# How Did You Find FishForums?



## Guest (Oct 11, 2008)

The title says it all


----------



## lohachata (Jan 27, 2006)

i was drugged and shainghai'd.


----------



## ThatFishKid (Aug 9, 2008)

I was googling a question about my dragon goby I used to have, when all of a sudden...


----------



## Buggy (Oct 17, 2006)

Like most newbs, I was trying to find what fish I could have and why the ones I got from Petco kept dieing on me. And also like most newbs, I got a LOT of bad info before I accidentally found this site.


----------



## Ron the handyman (Jan 18, 2005)

It once belonged to the club. Shaggy asked and Mark sold it. R.


----------



## Georgia Peach (Sep 23, 2005)

gosh, its been so long ago, I think I found it through google


----------



## Asully70 (Aug 22, 2008)

I found it through google too. i think i typed in something like fish help or fish forum maybe


----------



## FuzzyDragon09 (Sep 29, 2008)

I think I typed in "Fish Forums" into Google. I can't really remember I was so freaked out. Did you know that if you accidentally forget the "s" in fishforums.com you will go to a different but almost identical site to this one? It has a similar look to it. I didn't know there were so many fish forums. Before I joined this site I thought fish lovers were few and far between.


----------



## redpaulhus (Jan 18, 2005)

I started visiting Fishforums.com over 10 years ago, when it was the official forum of fishlinkcentral.com - and I've been here thru all of the versions and changes since then.


----------



## AndyCollins (Oct 9, 2008)

googled it, best thing i ever found.. great site learned and learning a huge amount everyday


----------



## smark (Dec 2, 2008)

Googled it. Real nice find I think.


----------



## SueM (Jan 23, 2004)

Same as Ron and Red, I was around when FF was still a baby. And when Shaggy talked Mark into selling  Some things changed and some stayed the same. 
Now we just need to get the chat room rattling again


----------



## Fishychic (Dec 7, 2008)

Erm, I should remember this because I've only been a member for like 3 or 4 days! LOL  

I think I kept doing searches about fish and FW tanks and FF kept popping up in Google. And I thought, "aw, what the heck, I should join!". 

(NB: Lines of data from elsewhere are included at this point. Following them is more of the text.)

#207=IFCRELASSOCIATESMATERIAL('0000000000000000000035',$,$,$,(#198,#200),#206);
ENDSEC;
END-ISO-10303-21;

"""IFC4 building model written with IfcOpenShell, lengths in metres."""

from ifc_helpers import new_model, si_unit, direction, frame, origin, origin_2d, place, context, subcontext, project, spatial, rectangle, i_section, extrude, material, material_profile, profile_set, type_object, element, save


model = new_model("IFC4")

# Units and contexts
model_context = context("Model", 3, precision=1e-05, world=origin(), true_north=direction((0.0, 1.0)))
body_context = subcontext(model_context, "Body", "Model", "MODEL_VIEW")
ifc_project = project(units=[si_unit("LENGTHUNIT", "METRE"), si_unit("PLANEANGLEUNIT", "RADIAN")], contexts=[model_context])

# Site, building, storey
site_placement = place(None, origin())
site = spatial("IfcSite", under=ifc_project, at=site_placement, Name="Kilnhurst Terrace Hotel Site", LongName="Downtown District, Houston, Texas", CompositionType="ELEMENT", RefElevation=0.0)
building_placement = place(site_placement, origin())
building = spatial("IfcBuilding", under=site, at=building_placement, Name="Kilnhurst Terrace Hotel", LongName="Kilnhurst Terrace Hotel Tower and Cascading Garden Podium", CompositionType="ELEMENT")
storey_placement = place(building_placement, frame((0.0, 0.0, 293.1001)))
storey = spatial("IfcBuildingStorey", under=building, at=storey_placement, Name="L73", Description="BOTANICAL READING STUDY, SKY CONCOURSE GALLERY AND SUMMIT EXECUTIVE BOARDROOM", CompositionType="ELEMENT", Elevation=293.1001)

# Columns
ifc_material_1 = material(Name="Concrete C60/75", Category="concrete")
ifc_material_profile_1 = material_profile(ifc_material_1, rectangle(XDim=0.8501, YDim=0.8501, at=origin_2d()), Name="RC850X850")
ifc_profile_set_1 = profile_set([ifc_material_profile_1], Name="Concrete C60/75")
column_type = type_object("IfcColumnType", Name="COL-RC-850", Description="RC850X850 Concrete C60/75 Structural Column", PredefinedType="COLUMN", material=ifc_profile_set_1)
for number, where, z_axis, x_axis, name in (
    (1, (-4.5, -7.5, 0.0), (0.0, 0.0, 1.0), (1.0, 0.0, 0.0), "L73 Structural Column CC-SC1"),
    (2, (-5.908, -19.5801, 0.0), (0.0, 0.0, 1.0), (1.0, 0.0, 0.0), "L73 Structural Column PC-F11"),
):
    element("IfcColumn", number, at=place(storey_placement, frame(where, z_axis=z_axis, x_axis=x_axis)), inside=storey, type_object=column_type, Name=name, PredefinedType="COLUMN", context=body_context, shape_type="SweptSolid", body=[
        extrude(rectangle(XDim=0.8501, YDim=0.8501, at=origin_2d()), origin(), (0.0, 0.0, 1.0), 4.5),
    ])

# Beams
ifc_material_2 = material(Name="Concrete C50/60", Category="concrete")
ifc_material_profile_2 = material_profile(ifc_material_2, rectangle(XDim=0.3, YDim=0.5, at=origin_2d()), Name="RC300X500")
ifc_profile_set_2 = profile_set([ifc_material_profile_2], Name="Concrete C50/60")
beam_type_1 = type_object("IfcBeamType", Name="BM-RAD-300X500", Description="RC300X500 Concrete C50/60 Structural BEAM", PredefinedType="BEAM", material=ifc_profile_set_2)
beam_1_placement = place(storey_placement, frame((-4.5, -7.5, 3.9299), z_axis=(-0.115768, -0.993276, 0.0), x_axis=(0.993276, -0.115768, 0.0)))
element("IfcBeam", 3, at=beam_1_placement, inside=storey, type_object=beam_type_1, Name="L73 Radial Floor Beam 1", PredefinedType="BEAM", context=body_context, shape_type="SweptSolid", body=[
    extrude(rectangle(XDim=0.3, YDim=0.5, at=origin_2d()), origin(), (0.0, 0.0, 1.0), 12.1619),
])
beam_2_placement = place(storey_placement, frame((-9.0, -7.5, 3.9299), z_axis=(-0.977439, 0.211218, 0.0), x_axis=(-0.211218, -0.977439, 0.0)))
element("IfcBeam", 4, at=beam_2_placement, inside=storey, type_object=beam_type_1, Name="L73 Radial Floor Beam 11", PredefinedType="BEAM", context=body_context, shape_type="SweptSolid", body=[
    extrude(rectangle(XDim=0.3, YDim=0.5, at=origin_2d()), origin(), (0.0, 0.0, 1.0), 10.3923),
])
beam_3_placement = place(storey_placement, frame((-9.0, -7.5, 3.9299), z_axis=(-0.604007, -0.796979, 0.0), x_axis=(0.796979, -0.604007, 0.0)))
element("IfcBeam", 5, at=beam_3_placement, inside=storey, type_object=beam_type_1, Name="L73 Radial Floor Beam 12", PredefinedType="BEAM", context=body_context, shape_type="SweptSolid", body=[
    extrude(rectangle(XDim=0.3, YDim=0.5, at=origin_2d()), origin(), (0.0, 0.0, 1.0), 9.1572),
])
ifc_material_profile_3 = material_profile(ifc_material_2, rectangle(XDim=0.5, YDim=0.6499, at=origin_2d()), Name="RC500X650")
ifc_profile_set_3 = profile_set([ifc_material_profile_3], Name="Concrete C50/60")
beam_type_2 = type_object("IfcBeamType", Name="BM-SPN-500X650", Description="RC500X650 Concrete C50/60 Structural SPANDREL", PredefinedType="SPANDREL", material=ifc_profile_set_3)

I belong to like 8 other forums but suddenly and strangely, this one has been preoccupying my time


----------



## shev (Jan 18, 2005)

FF found me.


----------



## Buggy (Oct 17, 2006)

LOL Fishychic, we were stalking you.


----------



## Fishychic (Dec 7, 2008)

Buggy said:


> LOL Fishychic, we were stalking you.


Is it still considered stalking if I like it :lol:


----------



## Knight~Ryder (Dec 2, 2007)

Found it by accident.

I keep going into the chat and no one is in there.....so yes, get it rattleing


----------



## Gills (Dec 16, 2008)

google......


----------



## TTTT (Dec 13, 2008)

I was drunk and joined by accident. I felt that since I joined I was obliged to get fish so I got some.


----------



## Allie72 (Dec 22, 2008)

I Googled " fish forum" and this was one that came up.


----------



## 207lauras (Jan 28, 2009)

I googled "pleco poop" and the rest is history... cant get enough and just bought the 40 gallon!


----------



## Mew_chan (Jan 28, 2009)

I wanted a forum for when my fishies need help... since internet searches can often take you only so far


----------



## GupLove (Mar 25, 2009)

Found it thru google, I am loving this site by the way!

It's wonderful.


----------